The Future of Marketing is Automation

marketing automation infographic
Email is one of the most widely used and established platforms and has long been the cornerstone of many business-to-business (B2B) marketing plans.

Even as new digital marketing and advertising platforms, formats, and channels draw companies’ attention and budgets, email remains vitally important and is arguably more valued by B2B marketers now more than ever before. While its core function has not changed substantially, there are new developments and challenges marketers must address: mobile, content marketing and automation.

marketing automation

For B2B marketers today—personalizing messages and integrating channels are vital, and automation is essential for executing those tactics.
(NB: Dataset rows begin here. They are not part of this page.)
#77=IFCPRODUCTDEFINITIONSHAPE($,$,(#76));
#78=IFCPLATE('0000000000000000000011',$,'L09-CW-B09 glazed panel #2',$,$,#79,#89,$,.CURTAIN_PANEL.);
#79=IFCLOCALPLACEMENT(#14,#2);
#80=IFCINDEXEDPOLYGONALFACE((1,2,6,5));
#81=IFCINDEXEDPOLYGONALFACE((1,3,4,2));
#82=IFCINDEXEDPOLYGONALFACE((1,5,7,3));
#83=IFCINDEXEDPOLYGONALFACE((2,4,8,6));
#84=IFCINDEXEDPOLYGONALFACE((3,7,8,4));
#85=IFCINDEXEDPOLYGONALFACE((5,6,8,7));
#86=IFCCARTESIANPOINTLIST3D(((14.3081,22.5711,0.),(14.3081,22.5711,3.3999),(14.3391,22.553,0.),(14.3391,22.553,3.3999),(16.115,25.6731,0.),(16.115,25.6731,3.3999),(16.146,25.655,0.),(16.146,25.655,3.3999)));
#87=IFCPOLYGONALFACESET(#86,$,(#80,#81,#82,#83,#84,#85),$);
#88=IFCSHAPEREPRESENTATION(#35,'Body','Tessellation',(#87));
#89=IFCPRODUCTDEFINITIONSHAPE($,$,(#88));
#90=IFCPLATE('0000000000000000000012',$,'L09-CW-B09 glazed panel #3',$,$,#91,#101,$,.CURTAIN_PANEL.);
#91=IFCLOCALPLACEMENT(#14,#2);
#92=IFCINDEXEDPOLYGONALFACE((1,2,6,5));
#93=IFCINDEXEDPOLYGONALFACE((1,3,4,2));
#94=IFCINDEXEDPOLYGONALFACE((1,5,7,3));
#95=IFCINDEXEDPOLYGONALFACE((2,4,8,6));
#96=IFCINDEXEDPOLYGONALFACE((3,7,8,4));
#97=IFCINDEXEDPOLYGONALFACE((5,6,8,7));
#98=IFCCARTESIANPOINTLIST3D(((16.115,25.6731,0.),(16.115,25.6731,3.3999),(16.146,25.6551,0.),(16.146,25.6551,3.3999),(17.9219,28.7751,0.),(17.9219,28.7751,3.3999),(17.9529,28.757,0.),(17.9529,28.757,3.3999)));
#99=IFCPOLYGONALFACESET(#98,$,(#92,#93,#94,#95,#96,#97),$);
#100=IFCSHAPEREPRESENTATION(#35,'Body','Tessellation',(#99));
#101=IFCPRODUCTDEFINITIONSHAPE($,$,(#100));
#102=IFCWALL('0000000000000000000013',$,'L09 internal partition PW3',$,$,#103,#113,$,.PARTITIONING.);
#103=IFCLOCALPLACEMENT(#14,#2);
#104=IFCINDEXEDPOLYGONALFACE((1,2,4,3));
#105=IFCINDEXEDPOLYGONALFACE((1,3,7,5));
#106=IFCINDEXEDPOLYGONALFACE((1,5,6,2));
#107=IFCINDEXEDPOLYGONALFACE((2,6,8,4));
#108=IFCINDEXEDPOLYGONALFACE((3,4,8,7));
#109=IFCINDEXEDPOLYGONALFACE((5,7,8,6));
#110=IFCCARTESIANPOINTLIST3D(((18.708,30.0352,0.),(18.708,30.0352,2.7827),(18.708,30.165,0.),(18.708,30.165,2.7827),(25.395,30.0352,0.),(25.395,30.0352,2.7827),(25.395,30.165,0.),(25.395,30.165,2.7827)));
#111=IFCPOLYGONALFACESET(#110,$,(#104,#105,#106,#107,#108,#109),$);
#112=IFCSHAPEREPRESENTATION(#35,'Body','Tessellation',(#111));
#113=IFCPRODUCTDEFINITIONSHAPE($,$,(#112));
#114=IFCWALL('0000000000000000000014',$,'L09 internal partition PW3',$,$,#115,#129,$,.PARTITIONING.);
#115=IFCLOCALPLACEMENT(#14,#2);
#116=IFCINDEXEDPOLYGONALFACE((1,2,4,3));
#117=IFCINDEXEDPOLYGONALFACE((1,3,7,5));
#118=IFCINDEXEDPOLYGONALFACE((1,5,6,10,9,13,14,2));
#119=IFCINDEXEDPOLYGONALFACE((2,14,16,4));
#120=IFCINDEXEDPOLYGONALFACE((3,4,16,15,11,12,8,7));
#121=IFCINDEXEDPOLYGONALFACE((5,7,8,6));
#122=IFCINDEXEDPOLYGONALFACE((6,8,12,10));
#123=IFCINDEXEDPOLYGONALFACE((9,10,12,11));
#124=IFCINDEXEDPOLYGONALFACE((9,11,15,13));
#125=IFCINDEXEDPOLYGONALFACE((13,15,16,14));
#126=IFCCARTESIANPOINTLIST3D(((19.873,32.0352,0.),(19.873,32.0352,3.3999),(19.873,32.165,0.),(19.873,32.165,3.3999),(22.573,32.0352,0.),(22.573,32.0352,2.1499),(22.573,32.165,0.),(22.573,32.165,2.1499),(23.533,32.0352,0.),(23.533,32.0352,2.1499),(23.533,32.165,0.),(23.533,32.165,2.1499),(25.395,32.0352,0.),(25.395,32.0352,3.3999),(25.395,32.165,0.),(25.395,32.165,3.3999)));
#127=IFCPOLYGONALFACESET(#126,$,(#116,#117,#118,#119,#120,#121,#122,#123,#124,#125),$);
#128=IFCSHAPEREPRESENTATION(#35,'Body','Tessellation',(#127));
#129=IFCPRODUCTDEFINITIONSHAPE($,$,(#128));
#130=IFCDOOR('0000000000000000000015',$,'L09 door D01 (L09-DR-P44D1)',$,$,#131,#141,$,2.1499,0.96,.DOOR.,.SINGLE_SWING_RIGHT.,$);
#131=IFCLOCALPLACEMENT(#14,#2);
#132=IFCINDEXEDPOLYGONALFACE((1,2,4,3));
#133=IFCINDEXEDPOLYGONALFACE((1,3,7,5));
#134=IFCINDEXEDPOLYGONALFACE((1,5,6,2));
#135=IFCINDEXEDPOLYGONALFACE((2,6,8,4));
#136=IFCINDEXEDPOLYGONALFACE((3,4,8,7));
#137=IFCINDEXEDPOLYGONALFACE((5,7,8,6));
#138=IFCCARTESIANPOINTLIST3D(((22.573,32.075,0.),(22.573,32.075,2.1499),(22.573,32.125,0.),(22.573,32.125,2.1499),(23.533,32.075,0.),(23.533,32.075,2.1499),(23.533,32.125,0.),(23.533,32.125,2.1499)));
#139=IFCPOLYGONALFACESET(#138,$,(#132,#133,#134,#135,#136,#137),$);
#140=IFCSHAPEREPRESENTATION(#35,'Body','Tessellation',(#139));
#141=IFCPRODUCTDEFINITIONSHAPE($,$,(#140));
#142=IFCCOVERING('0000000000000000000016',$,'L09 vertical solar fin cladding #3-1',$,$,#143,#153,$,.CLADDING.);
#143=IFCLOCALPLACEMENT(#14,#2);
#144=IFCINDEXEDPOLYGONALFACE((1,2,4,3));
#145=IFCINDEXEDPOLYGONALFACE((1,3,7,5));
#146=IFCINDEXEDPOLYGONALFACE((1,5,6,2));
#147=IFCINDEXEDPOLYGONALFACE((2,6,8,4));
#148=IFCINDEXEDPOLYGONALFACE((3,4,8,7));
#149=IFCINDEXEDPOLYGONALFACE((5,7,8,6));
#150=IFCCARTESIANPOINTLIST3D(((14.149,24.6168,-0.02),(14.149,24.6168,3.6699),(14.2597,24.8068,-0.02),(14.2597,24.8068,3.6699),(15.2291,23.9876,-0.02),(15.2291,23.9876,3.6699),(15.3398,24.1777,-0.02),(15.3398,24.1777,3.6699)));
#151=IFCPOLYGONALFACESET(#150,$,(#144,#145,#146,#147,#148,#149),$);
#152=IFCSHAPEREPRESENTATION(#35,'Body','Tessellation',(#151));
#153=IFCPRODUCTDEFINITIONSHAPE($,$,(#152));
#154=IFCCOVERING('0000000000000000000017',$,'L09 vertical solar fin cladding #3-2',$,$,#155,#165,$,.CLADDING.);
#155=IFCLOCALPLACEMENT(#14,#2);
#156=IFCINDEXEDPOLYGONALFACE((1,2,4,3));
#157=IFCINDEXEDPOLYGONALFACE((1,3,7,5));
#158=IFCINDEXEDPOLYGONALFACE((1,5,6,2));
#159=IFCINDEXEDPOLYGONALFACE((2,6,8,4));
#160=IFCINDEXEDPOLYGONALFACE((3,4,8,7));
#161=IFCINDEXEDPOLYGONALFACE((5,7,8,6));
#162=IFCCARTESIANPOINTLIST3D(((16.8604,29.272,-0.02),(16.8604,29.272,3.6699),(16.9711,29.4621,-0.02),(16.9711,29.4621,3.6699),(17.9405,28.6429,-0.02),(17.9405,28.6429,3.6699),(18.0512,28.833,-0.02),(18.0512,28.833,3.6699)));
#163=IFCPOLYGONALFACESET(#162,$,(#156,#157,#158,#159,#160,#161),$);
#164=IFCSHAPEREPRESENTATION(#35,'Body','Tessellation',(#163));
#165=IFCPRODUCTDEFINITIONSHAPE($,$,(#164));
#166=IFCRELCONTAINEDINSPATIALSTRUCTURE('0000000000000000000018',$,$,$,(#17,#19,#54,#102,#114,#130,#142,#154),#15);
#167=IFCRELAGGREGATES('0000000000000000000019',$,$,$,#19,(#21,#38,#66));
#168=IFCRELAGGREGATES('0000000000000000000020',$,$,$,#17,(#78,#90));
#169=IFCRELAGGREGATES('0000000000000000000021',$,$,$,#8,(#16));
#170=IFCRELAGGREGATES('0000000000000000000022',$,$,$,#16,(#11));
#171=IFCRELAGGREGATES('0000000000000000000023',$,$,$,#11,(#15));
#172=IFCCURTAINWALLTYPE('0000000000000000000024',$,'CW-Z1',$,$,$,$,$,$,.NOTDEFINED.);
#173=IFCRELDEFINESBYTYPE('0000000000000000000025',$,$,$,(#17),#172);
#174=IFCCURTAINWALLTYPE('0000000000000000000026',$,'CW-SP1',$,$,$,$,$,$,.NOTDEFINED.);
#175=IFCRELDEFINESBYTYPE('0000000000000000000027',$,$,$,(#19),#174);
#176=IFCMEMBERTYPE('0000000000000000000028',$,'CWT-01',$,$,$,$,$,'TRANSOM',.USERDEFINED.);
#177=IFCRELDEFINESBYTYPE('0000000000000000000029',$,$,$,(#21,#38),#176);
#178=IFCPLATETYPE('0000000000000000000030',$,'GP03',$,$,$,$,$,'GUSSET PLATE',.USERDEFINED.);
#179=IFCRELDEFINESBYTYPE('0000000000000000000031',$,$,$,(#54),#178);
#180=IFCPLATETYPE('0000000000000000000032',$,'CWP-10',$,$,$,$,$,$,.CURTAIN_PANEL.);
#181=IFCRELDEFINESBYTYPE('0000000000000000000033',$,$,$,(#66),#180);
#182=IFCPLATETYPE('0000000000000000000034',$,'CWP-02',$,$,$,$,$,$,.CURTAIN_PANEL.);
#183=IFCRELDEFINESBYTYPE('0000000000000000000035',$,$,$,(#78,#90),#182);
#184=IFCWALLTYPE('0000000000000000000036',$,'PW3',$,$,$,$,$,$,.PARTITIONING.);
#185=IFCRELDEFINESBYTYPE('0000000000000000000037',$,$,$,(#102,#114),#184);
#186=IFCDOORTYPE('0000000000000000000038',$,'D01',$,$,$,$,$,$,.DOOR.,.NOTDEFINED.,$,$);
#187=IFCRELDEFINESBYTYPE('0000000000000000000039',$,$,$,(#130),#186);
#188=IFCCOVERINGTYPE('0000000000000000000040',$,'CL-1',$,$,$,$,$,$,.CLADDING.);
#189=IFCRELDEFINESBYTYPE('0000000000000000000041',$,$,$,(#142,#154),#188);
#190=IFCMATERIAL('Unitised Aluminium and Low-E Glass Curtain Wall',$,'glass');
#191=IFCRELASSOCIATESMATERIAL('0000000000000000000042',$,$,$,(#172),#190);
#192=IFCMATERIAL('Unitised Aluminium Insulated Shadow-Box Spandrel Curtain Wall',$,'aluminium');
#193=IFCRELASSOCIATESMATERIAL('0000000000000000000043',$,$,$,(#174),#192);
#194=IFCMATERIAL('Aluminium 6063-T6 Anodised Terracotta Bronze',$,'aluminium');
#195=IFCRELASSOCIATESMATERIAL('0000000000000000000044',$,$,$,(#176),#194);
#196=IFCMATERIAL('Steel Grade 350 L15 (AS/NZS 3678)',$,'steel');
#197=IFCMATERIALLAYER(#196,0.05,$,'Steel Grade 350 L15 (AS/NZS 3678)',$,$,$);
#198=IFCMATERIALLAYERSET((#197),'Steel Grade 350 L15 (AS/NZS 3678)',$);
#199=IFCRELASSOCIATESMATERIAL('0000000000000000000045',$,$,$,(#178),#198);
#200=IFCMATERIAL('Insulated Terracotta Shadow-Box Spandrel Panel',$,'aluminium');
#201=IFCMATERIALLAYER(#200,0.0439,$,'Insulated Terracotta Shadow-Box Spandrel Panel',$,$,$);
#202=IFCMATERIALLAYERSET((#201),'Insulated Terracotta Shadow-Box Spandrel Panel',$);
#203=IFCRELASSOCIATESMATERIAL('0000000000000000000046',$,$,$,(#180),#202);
With content marketing now mandatory for email marketers and mobile making it critical that B2Bs reach the right individual with the right message at the right moment, it becomes nearly impossible to personalize email marketing without some form of automation.

B2B marketers recognize the value of marketing automation solutions, but many have been slow to fully integrate the technology into their sales and marketing efforts. Data released in November 2013 by BtoB Magazine showed just 26% of US B2B marketers had completely integrated automation into their sales and marketing initiatives at the end of 2013. More than half (52%), however, expected full marketing automation adoption for this year.

marketing automation features

Automation solutions are often broad and can be applied across multiple channels and formats, but for most, email automation is vital. B2B marketers surveyed by Regalix in March 2014 reported that among marketing automation features, email automation was the most important to them.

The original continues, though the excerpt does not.